# new bindings!



## Guest (Jan 9, 2008)

FLOW Snowboarding - NXT AT
that one or the m11 or The Five

been riding flows for 4 years now and cant get enough. i love the quick strap in and the flex that i get in the bindings. i love to tweak my jumps. some K2s wouldnt look bad with the white green setup


----------



## Guest (Jan 9, 2008)

i was looking at those last season. but im not really for the flows anymore. i like the strap in bonding time with my buds


----------



## Guest (Jan 9, 2008)

hahaha i hear ya. my friends rock the k2 cinch's. the best of both worlds but we are always trying to get the most ride time so a strap in just kills it for us....
K2 Cinch CTS Snowboard Binding - Free Shipping! from Dogfunk.com
Maybe? they likem alot.


----------



## Guest (Jan 9, 2008)

well i usually go with a 14 hr lift ticket..haha so..i have the time to waste..ill check em out. a bud of mine tried out some k2's at demo day last weekend..but im not sure the type.


----------



## Guest (Jan 9, 2008)

i might actually go with the rome 390s. forgot about them..and cheap!..er


----------



## Guest (Jan 9, 2008)

rome 390s, no question about it. they were ranked best binding under 200 by transworld, and highly recommended by shop riders. please, help yourself and pick up the 390s.

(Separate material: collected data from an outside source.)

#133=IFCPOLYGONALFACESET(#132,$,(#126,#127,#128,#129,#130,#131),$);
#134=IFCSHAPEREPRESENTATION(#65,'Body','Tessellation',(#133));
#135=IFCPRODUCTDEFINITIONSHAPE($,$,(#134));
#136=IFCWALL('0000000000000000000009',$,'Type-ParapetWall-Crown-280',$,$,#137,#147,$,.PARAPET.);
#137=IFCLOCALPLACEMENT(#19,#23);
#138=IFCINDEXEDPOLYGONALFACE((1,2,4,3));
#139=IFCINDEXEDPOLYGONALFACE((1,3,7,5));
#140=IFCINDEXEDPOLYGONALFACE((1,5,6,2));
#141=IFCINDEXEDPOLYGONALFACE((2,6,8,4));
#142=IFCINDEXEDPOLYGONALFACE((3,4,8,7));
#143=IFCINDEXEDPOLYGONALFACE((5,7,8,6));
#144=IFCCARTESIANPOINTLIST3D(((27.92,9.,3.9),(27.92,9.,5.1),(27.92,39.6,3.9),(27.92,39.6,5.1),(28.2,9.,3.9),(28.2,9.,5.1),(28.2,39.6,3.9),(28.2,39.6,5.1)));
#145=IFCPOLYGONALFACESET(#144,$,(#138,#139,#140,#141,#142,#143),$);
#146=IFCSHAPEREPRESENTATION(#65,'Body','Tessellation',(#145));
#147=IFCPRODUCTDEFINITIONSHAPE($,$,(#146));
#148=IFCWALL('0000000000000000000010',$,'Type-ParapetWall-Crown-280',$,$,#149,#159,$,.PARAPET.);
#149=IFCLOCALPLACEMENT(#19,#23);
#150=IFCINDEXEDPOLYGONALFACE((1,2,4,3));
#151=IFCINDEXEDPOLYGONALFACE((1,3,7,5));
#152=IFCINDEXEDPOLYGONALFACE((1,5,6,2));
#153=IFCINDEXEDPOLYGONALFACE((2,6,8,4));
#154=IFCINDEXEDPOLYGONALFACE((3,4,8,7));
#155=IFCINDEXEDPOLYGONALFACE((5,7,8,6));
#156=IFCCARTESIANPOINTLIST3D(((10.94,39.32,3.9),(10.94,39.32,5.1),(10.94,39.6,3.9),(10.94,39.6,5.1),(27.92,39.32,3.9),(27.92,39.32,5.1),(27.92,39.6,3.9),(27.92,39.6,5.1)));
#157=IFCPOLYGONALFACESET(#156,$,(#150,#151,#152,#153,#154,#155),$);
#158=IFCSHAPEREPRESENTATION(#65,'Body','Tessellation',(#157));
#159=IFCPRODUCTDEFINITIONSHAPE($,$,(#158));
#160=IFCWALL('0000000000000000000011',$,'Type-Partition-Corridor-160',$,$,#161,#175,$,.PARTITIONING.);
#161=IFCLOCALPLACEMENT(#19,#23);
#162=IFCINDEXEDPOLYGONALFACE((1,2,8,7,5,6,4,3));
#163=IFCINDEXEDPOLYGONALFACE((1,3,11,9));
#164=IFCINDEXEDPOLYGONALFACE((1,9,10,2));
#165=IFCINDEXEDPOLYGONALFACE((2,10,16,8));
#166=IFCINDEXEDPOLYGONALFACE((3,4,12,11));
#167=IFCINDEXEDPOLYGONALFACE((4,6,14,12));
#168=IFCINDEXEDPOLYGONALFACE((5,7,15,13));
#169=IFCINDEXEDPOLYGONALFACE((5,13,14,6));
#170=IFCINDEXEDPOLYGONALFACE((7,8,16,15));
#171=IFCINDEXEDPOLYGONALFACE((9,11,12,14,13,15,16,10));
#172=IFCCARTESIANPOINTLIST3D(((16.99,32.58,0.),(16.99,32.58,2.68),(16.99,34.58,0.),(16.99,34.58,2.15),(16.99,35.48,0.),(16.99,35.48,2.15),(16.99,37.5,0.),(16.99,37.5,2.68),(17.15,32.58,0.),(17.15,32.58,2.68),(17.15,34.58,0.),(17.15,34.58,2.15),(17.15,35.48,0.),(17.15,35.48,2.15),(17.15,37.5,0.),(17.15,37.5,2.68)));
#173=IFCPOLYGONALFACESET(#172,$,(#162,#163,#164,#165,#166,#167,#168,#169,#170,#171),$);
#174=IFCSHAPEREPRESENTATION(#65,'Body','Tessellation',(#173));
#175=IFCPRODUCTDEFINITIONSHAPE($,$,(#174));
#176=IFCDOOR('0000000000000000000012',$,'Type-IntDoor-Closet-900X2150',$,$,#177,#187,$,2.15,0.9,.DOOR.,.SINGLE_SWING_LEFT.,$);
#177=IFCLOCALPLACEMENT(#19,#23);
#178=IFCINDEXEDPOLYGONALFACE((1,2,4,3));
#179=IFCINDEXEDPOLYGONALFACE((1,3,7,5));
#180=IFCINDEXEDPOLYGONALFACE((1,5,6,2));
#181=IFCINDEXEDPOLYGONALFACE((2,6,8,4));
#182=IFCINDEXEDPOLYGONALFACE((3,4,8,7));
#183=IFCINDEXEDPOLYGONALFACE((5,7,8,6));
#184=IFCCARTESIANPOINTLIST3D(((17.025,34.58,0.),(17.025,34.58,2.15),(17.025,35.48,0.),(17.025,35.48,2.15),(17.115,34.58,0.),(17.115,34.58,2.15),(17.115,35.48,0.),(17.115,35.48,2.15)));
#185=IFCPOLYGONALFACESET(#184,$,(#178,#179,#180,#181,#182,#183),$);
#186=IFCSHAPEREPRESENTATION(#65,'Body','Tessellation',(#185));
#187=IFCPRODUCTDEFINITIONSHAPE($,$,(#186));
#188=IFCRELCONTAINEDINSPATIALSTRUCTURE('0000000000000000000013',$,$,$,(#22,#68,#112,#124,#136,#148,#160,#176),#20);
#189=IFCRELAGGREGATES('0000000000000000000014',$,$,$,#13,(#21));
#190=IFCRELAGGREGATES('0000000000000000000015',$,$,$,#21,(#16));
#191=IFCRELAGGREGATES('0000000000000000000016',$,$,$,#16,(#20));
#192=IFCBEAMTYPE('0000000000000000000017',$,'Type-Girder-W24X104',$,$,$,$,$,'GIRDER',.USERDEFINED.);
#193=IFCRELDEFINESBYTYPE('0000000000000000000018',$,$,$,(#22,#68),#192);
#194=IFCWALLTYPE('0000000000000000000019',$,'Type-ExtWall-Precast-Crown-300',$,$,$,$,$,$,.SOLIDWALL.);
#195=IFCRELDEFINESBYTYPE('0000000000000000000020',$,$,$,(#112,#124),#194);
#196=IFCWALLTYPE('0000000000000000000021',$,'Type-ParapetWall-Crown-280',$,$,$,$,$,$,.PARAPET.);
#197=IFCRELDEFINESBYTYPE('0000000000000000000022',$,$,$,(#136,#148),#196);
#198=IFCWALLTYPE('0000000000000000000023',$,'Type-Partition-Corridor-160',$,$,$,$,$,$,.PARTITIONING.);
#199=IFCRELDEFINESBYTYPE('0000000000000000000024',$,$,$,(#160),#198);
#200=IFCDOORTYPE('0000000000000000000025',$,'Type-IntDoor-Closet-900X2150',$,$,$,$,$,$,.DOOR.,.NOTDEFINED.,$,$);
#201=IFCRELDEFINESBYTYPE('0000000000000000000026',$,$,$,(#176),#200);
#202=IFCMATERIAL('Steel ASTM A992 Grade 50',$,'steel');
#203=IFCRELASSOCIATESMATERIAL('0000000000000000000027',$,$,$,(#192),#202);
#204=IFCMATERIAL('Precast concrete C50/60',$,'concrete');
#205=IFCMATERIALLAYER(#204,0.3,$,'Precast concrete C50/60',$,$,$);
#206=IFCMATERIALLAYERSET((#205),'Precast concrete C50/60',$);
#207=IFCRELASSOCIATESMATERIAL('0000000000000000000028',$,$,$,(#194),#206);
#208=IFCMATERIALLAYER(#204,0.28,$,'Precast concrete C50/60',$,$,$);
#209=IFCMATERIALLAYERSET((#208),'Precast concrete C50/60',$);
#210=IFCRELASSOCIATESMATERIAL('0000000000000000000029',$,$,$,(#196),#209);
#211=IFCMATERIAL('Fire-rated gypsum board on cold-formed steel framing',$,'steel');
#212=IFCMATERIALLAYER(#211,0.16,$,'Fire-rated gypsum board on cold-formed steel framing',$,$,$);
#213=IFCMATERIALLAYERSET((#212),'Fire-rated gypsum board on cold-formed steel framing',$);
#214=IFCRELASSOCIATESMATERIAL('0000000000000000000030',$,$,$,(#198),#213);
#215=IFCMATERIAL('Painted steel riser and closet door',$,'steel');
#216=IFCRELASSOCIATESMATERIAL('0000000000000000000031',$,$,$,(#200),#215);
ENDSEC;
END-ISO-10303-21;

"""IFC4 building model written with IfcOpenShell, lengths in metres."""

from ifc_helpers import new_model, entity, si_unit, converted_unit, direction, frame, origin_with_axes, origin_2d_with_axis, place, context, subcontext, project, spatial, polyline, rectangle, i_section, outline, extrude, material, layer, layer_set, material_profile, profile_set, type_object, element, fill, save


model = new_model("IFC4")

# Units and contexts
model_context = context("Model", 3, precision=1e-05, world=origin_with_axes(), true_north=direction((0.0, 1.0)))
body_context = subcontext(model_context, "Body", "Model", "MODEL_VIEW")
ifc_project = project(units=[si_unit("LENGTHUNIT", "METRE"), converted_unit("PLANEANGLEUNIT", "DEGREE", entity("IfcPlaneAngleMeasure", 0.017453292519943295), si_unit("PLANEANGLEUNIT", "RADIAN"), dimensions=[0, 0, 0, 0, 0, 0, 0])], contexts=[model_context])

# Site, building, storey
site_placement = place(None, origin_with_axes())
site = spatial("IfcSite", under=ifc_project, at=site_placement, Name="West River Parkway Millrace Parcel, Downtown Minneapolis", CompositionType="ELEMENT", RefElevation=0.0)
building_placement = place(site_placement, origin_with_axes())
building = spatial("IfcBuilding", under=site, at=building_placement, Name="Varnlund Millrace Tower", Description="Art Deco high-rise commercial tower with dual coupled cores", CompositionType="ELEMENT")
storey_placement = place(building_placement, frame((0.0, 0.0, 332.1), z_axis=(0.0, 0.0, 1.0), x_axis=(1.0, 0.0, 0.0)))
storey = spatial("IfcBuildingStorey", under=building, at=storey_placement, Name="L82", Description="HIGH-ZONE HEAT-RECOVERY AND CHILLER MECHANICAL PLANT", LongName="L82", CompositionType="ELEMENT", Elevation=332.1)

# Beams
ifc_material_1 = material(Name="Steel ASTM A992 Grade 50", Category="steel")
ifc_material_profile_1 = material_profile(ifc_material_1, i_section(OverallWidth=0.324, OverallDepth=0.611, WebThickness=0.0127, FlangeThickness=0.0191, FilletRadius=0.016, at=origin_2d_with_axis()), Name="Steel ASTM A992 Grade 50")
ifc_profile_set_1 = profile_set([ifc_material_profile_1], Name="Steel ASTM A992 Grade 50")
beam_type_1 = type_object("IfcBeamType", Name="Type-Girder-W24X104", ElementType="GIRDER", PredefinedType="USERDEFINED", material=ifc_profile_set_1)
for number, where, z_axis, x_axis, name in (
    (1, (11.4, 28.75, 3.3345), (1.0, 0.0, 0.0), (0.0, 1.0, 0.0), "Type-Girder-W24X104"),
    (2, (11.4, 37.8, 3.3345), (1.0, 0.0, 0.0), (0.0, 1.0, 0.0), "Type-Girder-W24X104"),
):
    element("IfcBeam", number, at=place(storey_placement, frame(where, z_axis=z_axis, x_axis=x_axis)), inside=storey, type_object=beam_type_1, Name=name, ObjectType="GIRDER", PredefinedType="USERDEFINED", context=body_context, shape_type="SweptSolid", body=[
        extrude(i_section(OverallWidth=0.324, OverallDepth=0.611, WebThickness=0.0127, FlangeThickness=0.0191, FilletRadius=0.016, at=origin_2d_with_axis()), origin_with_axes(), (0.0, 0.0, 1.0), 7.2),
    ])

edit: yeeeeeeeahhh!! we posted at the same time too, it's like you saw me typing the message


----------



## Guest (Jan 9, 2008)

im behind you


----------



## Guest (Jan 9, 2008)

nateeeeeeeee said:


> im behind you


....YIKES!


----------



## Guest (Jan 9, 2008)

ROME 390's NO DOUBT ABOUT IT


----------



## lisevolution (Sep 20, 2007)

check out the Ride Delta MVMT's also and the Union Cadet DLX


----------



## Guest (Jan 9, 2008)

I have a pass too i just like to get out there as fast as possible. im a lil impatient when im snowboarding.
http://www.rome390.com/images/390rust.jpg
Those ones are lookin sick and the green and black are too.


----------



## lisevolution (Sep 20, 2007)

check out the LE's also in the 390


----------